How do we resolve merge conflicts Ex :- main branch moved a head and added/deleted somedata temp branch have some changes and i'm trying to merge temp to main branch how does nessie handle this case do we need to manually resolve the merge conflict
Nessie has the ability in its rest api to force merges or ignore certain objects. These aspects of its features should be coming very soon to its SQL support. In future iterations it will become more context aware to auto reconcile such conflicts further down the road,
Hey Alex, I'm also getting this error 1 of 2 START sql table model warehouse-dbt.test2.my_first_dbt_model ............ [RUN] 11:57:41 1 of 2 ERROR creating sql table model warehouse-dbt.test2.my_first_dbt_model ... [ERROR in 4.22s] 11:57:41 2 of 2 SKIP relation test2.my_second_dbt_model ................................. [SKIP] 11:57:42 11:57:42 Finished running 1 table model, 1 view model in 0 hours 0 minutes and 11.60 seconds (11.60s). 11:57:42 11:57:42 Completed with 1 error and 0 warnings: 11:57:42 11:57:42 Runtime Error in model my_first_dbt_model (models/example/my_first_dbt_model.sql) 11:57:42 ERROR: Validation of view sql failed. No match found for function signature my_first_dbt_model(type => <CHARACTER>) How to solve this error? Any help will be appreciated Thanks
From video, what I understand Nessie is the best catalog for datalake house. It is easy to manage and goes beyond the its capabilities giving gitlike environment.
Hi there, thanks for the awesome video! Any reasons why s3.endpoint was setup an ip address rather than a host name when creating the catalog? I found the hostname style could also work in the demo with s3.path-style-access=true.
This worked fine.

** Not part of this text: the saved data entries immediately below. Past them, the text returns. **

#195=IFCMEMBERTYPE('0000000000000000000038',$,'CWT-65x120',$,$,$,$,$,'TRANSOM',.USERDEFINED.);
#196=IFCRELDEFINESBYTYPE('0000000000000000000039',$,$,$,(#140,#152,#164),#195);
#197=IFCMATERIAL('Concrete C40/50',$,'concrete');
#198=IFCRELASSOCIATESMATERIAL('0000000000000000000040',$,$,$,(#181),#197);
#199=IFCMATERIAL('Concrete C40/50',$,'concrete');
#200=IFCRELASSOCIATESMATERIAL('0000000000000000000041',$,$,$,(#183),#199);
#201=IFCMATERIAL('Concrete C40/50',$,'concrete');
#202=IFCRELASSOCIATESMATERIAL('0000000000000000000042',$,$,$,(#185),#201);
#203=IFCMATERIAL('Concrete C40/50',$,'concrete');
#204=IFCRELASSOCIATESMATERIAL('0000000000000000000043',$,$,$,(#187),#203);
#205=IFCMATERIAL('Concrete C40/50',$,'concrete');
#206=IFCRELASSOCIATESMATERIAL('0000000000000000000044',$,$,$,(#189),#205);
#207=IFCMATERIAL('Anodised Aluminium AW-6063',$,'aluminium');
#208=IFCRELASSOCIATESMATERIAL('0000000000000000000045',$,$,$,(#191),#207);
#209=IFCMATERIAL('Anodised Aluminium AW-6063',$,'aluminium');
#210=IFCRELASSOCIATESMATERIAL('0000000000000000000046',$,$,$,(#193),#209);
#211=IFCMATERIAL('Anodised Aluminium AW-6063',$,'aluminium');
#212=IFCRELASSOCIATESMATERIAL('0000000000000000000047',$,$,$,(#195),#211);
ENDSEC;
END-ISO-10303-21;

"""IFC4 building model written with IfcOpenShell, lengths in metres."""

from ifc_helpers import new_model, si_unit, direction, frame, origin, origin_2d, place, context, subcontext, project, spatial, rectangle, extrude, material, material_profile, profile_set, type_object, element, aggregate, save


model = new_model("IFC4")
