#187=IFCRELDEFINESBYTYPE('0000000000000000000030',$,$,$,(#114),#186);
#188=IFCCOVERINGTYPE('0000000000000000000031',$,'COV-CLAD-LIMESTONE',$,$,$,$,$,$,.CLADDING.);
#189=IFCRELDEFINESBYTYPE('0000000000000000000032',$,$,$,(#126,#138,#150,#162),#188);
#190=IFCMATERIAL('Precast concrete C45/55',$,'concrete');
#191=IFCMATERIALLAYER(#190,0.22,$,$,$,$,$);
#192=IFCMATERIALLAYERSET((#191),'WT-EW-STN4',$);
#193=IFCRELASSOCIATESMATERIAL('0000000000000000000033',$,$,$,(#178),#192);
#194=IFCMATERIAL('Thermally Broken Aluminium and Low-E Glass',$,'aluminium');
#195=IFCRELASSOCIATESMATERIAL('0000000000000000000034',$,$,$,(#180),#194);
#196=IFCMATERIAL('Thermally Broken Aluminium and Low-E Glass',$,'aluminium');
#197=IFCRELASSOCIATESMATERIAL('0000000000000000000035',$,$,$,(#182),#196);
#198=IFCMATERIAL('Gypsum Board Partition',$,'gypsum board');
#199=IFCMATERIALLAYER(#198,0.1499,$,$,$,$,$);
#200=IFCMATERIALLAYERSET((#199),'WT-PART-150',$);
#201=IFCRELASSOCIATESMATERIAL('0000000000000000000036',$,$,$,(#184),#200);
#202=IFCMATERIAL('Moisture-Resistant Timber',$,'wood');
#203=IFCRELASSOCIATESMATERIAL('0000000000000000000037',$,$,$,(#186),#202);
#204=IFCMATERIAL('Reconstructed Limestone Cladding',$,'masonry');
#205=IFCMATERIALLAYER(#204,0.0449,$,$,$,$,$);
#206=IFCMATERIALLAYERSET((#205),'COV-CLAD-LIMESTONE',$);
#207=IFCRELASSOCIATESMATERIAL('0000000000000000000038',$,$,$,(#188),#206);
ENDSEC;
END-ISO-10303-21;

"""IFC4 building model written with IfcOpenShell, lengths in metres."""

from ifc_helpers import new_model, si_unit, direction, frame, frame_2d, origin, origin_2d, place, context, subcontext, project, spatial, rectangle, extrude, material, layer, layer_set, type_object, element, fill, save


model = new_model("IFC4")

The only detail I had to look at twice was the using the project id, which is a long GUID instead of the name of the project. The dbt-dremio plugin does not return meaningful errors if there are any problems. Another UI thing that was odd to figure through is that you have to click on an artic catalog then see the tiny button in the upper right of the screen to create a folder. No actions are possible from the folder tree on the left for Artic related functions. Those things made this less straight forward than it could have been, but it still ended up working great.
Hey alex, nice video. I have a question for you. when convert any file (csv, json or parquet) from a datalake to iceberg table, data will duplicate, will be a copy on the iceberg table?

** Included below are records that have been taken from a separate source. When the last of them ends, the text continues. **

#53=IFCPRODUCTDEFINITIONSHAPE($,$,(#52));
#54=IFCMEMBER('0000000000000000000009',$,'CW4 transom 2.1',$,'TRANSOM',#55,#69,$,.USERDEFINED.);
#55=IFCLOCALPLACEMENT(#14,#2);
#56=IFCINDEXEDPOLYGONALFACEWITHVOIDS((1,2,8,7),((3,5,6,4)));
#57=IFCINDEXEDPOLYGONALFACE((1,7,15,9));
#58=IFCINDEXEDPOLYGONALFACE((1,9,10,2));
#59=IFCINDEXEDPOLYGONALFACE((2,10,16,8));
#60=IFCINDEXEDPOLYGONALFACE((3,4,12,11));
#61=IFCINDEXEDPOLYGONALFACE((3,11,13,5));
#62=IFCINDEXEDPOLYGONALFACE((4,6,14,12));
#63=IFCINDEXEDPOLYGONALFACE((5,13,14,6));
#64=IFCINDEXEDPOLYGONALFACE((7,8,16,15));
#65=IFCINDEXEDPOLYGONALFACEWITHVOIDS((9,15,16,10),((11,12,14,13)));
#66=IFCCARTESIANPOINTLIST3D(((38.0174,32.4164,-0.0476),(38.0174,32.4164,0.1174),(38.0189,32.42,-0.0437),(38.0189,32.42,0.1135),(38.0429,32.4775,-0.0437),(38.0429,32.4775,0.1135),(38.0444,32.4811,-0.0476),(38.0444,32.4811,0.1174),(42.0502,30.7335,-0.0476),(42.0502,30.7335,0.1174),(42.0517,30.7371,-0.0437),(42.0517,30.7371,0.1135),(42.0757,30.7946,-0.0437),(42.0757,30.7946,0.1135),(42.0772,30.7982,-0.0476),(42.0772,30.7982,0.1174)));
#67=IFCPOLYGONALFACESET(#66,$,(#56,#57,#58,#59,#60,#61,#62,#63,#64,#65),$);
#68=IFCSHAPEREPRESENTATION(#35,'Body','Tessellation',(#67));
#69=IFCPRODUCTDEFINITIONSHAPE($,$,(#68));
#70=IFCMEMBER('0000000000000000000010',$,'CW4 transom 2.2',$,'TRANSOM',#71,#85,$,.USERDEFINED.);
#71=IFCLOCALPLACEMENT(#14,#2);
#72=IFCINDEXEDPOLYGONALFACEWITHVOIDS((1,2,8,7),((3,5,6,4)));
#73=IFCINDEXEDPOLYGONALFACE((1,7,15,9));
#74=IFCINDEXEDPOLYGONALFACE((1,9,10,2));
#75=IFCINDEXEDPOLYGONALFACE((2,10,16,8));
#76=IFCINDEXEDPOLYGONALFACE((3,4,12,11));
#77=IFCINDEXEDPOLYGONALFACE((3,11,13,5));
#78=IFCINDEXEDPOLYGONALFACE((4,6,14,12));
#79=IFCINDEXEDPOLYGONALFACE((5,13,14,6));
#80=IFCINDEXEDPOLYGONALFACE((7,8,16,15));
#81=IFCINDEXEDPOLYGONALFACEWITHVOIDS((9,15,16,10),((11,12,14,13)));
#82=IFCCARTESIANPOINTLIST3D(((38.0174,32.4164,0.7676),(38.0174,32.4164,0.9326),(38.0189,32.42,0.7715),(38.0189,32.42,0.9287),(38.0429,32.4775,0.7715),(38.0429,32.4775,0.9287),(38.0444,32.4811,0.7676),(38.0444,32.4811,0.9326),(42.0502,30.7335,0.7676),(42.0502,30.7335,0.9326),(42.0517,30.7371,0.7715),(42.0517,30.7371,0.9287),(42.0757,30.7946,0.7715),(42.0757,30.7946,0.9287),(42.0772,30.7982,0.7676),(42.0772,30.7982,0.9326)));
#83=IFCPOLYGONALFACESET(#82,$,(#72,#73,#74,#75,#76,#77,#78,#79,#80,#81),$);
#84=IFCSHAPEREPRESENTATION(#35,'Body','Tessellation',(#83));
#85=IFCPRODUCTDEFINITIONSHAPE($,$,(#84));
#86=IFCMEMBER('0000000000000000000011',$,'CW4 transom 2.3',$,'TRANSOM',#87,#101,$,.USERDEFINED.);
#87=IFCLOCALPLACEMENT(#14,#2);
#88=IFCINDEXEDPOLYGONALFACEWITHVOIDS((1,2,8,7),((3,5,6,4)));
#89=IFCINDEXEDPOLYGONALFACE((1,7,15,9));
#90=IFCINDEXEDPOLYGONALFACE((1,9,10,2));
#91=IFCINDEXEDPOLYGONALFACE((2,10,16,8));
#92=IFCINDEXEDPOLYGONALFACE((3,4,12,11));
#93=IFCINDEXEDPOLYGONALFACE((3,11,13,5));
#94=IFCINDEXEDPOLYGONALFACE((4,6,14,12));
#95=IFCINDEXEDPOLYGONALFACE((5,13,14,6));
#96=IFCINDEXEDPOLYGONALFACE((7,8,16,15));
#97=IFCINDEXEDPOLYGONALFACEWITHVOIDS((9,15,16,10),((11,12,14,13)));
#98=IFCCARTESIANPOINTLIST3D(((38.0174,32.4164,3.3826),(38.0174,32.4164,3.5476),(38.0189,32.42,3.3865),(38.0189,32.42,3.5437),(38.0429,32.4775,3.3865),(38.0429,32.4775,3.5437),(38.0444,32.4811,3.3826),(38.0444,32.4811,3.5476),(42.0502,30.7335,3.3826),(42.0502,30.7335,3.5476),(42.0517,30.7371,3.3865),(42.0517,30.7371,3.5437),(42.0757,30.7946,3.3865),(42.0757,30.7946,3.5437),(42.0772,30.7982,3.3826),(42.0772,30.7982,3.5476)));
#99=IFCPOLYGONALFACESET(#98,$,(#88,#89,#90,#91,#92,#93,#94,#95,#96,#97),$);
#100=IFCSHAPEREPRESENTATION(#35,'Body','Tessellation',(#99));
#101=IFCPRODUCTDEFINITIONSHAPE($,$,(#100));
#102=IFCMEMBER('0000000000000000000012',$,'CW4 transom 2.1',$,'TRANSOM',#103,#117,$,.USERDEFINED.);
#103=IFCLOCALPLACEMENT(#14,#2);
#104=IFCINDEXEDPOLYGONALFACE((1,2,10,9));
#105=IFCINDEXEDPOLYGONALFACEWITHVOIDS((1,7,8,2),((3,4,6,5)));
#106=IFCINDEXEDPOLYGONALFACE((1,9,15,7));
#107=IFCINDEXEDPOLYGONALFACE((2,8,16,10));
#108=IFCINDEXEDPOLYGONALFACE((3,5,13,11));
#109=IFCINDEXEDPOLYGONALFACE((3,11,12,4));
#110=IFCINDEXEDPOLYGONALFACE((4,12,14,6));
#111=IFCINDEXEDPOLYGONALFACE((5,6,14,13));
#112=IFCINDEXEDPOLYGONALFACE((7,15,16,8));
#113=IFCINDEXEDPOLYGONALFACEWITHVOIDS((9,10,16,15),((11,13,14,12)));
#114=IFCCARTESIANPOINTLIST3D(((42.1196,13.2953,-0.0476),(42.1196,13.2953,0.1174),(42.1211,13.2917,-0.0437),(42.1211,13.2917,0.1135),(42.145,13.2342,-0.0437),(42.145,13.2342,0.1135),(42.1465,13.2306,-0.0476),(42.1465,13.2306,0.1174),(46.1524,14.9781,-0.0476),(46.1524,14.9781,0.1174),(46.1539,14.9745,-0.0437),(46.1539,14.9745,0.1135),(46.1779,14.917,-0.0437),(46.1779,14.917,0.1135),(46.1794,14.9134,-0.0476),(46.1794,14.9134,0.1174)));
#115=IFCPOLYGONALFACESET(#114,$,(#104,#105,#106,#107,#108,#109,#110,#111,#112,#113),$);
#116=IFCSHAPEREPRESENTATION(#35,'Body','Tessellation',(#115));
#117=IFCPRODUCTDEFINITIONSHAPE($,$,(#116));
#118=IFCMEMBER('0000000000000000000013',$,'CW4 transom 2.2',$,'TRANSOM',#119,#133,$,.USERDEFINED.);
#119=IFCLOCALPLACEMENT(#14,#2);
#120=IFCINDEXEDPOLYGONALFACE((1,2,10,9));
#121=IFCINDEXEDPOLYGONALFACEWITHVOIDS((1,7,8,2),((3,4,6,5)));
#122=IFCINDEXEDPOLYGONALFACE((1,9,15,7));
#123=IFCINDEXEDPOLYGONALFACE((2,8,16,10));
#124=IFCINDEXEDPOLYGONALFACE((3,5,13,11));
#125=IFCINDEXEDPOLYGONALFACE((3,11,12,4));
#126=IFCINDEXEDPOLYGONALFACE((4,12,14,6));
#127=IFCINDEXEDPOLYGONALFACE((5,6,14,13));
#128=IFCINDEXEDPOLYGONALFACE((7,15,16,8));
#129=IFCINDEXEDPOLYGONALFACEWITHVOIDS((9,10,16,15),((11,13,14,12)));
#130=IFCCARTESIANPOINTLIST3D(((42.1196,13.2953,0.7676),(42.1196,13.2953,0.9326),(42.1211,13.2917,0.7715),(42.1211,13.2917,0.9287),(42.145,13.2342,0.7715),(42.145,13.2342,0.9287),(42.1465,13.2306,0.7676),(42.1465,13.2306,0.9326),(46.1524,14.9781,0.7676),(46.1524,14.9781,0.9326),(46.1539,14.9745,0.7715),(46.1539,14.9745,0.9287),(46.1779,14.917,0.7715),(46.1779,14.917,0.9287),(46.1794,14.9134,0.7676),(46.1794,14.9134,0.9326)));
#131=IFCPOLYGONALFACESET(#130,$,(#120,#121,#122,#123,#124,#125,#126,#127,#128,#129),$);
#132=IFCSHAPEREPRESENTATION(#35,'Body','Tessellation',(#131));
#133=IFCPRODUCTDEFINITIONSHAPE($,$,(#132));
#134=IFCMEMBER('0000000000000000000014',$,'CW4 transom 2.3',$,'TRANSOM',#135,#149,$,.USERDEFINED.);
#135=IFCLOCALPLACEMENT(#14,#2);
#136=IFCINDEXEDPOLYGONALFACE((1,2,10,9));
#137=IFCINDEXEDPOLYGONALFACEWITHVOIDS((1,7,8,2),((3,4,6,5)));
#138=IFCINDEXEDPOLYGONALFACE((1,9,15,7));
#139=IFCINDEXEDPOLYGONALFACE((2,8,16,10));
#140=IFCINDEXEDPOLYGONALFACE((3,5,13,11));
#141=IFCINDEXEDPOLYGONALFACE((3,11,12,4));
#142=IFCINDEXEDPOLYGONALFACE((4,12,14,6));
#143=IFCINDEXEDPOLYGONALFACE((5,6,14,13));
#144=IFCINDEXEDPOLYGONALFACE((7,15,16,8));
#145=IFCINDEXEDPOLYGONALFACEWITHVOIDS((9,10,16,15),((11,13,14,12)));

Is scanning the QR codes on the phone not working, both videos should also be searchable on Dremio you tube channel. I think the next video in the first QR code is ru-vid.com/video/%D0%B2%D0%B8%D0%B4%D0%B5%D0%BE-bvXj4ANMy10.htmlsi=KrthtZQr_Dve9Ter
I'd have to see the whole log output and catalog settings to determine the issue. If you want message me on LinkedIn and I can examine further. - Alex Merced
hey Alex, really appriciate your work. I am quit beginner here and I have a basic question. why didn't you include DBT-Dremio in your docker containers ? why did you configure it seperately in a virtual python env. would really appreciate the clarification.
1. dbt-dremio needs to be installed in the context your dbt-models exist which is usually not on the same system Dremio is running on (you wouldn’t want both processes fighting over resources) 2. The virtual environment is to isolate dependencies from other projects like web apps, so that way I can more easily make the environment more replicatable.